Я молчу, и хозяин, открыв дверь, первым проходит внутрь. Она ведет прямо в полутемную гостиную, где в углу слабым светом мерцает дровяная печь.
– Знаю, уже почти лето, и топить ее сейчас глупо, – говорит Бен, – но в такой ненастный вечер…
Из темного деревянного комода – на его поверхности старые круги от влажных стаканов – галерист извлекает бутылку красного вина и два бокала. Наполнив их, один он протягивает мне, и я замечаю под ногтями Бена краску. Кобальтовая синяя, красный кадмий. Так знакомо и так непривычно. Накатывает тоска по тем временам, когда все, кого знала, пахли скипидаром и маслом, дешевой выпивкой и ароматизированным табаком, а под ногтями у них вечно оставались следы краски. Как быстро – от страха до восторга – менялось тогда настроение. Сейчас же моя жизнь поблекла, потускнела до неузнаваемости.
Обсыхаем у огня. Бен рассказывает о новой серии работ. Он так увлеченно описывает свои полотна, что кажется, будто меня рядом нет. Я же представляю, как поцелую Бена, прильну к обтягивающей его грудь и живот мокрой футболке.
Я и раньше грезила о каком-то незнакомом добром мужчине. Он всегда держит дверь открытой, но перед тем как войти, я вступаю с ним в законный брак, рожаю ему детей; все невзгоды и радости жизни разделяя с веселым незнакомцем, который вечно улыбается и всегда готов прийти мне на помощь.

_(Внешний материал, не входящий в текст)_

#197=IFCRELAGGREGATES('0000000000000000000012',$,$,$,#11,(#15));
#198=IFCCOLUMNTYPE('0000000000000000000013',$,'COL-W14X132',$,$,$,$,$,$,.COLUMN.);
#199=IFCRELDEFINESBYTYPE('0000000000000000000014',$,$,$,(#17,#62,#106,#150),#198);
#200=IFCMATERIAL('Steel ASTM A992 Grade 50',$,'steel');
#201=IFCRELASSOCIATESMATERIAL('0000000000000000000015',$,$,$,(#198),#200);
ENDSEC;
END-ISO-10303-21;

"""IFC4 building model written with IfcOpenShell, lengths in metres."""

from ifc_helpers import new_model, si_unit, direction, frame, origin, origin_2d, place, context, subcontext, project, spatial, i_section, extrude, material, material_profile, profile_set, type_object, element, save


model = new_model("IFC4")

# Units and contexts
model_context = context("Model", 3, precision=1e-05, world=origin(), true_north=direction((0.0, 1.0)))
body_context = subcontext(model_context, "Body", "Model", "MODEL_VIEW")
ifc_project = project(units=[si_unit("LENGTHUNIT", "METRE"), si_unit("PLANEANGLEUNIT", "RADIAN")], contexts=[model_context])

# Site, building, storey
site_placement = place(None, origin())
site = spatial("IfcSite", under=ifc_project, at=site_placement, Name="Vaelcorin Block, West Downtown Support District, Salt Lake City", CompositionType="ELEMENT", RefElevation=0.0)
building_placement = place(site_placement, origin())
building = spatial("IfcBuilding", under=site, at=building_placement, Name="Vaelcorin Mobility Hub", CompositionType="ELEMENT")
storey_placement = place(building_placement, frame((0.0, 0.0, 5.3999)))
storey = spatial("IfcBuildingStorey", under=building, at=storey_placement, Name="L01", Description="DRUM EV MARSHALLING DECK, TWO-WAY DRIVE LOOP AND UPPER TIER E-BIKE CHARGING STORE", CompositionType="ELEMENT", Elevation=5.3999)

Так я прожила сотни жизней с сотней разных мужчин, которые извинялись, если случайно заденут, улыбались, уступали место в переполненном кафе или автобусе. Не знаю, что это за люди. Мне все равно, они лишь плод моей фантазии. Ни с одним из них я даже не заговорила. Ведь как только знакомишься с реальным человеком, фантазиям приходит конец.
Так что же делаю я в гостиной человека, которого сама себе придумала? Сижу так близко, что могу его поцеловать, и, потягивая вино, изо всех сил сжимаю кулаки: только бы не провести рукой по ежику волос на голове хозяина.

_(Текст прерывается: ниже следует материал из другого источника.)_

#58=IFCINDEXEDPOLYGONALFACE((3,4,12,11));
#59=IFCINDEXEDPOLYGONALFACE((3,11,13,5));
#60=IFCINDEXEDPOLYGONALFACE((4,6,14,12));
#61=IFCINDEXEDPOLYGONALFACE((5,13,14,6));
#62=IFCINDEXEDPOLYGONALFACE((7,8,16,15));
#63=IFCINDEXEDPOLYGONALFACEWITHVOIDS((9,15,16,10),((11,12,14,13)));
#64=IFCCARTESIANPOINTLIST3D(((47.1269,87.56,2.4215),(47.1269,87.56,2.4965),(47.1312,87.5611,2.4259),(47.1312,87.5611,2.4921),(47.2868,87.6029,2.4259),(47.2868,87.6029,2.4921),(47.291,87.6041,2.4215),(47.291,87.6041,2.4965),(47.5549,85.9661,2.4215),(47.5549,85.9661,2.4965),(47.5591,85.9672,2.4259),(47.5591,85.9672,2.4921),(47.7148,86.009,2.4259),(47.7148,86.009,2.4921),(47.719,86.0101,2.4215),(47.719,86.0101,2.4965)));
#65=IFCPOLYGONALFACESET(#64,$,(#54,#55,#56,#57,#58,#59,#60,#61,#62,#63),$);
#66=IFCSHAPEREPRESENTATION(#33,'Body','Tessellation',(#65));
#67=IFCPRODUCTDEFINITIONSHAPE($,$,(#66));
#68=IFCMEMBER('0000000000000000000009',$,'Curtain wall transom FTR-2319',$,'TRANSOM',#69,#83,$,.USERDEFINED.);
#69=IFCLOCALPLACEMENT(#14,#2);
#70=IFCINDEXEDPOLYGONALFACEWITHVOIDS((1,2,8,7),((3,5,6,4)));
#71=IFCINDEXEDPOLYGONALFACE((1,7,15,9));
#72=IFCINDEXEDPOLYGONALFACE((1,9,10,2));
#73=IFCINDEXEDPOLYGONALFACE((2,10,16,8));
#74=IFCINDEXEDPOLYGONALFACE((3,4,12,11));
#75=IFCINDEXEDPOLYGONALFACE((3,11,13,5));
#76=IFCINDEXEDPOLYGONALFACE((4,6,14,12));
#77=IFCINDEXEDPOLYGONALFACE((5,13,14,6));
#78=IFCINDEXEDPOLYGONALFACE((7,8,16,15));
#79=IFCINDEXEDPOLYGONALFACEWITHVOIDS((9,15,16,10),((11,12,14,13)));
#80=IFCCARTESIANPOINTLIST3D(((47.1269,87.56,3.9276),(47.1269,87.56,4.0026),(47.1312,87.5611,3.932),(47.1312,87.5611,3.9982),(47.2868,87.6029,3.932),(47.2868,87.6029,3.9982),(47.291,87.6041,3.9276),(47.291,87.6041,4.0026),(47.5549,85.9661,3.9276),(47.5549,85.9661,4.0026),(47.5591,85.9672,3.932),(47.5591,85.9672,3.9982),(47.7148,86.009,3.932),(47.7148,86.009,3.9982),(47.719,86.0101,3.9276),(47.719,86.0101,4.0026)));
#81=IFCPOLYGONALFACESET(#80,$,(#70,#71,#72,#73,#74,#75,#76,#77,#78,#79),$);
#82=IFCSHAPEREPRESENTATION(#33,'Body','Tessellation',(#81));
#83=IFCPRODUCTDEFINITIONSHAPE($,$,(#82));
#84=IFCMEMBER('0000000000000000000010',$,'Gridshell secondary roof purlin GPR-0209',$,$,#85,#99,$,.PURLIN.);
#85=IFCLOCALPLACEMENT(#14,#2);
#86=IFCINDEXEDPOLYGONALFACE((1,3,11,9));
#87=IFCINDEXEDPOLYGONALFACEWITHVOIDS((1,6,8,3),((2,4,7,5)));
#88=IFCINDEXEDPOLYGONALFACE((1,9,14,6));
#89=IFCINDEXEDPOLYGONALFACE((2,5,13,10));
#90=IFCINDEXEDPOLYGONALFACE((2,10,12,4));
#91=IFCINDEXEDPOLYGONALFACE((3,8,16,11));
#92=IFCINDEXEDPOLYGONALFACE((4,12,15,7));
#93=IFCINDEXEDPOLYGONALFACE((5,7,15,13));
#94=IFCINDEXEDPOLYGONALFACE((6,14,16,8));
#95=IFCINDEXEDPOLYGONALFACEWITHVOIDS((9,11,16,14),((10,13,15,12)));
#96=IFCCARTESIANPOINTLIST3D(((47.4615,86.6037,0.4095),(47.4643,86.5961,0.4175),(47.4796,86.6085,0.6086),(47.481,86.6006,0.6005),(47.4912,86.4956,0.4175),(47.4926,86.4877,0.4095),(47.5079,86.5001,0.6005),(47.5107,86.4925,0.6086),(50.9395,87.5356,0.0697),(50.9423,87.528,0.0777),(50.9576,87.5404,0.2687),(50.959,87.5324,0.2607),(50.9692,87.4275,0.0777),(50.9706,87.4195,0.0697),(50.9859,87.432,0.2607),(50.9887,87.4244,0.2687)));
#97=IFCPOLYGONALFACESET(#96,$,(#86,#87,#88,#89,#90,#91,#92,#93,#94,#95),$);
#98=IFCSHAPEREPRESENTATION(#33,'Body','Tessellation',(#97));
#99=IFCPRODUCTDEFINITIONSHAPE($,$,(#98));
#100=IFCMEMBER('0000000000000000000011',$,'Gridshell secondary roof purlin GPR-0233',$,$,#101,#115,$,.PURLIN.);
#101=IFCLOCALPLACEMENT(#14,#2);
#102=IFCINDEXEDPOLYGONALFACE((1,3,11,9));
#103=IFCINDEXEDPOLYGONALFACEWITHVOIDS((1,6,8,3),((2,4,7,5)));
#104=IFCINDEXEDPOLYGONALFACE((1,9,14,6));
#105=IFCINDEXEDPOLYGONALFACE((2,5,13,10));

И всему виной Кэролайн и Патрик, его пренебрежение ко всему, что важно для меня. Как и Миа, жду всадника на белом коне. Рыцарь приедет, он спасет. Я думала, что предстоящая выставка, картины, которые сейчас пишу, – и есть наше спасение. Зачем я пришла сюда? Чтобы Бен избавил меня от страданий?
На журнальном столике ваза с морскими ракушками, они напоминают мне ту, что я нашла на пороге своего дома. По спине пробегает дрожь: что я здесь делаю?
Бен придвигается ближе. Ставлю вино на стол и вскакиваю.
– Я лучше пойду. Буря, похоже, улеглась.
Надевая куртку, прохожу мимо приоткрытой двери в студию. Взгляд невольно останавливается на холсте, стоящем на мольберте. Эта большая темная и полная движения картина так не похожа на спокойные пейзажи Бена, на его натюрморты.